15 MINUTES OF REST FOR EVERY 75 MINUTES OF FOCUS

We are not wired to focus for over 80 minutes at a time. A 15-minute break to get up, move, and hydrate is required following periods of focus and stress. This break does not involve texting, emailing, or engaging with technology; instead, supplement it with grounding techniques or deep breathing. 

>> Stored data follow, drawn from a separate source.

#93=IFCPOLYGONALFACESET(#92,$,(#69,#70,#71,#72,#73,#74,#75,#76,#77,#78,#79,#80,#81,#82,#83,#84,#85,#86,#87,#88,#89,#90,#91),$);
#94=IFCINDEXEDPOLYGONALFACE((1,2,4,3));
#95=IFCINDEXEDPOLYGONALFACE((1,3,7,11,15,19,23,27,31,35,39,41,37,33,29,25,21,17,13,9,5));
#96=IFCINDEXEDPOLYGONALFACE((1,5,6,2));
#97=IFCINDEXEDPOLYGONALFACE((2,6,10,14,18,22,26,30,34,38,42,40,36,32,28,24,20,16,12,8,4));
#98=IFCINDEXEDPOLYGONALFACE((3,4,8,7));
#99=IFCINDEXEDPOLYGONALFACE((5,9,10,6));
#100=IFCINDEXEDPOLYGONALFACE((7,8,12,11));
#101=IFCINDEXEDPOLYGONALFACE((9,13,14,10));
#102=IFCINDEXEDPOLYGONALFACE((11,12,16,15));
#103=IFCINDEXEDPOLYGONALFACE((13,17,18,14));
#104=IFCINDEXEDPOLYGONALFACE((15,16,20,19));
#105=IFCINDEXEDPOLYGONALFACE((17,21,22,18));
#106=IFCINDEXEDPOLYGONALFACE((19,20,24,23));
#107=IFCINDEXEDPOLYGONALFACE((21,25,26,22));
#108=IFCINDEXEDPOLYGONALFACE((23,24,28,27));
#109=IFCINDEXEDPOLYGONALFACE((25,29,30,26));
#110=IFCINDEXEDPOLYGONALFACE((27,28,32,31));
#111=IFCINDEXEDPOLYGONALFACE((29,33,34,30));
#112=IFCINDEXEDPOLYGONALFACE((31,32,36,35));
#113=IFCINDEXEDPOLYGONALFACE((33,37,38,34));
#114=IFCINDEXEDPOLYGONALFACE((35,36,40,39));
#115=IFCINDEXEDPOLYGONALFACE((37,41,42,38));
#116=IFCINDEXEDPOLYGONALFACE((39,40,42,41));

DEVELOP HEALTHY BOUNDARIES

Setting appropriate boundaries at work is more challenging than ever, thanks to the ever-evolving technology, flexible work schedules, and remote workplaces. That said, a core facet of the slow working movement is not becoming overwhelmed with too many tasks. “I don’t have the capacity to take that task on”, and variations of this need to be a staple of one’s vocabulary. By establishing these boundaries early on, you can navigate your job, stay away from potentially toxic situations, and carve out a route that will allow you to accomplish your best work without being exploited or burnt out.

ONE SCREEN AT A TIME

If you are completing a task, do it with undivided attention. Get into the conscious habit of saying, “for the next 40 minutes, this is the sole focus of my attention”. Cast aside other gadgets, turn off all notifications, and close all other tabs. Finish your task well and with an intended purpose.

SHAPE THE COMPANY CULTURE

Strategies, personal commitments to slow working, good habits, and hacks are all important, but if the culture, values, and processes of the organization are not aligned, the individual will have a hard task at hand—advocate the slow working concept into the company culture.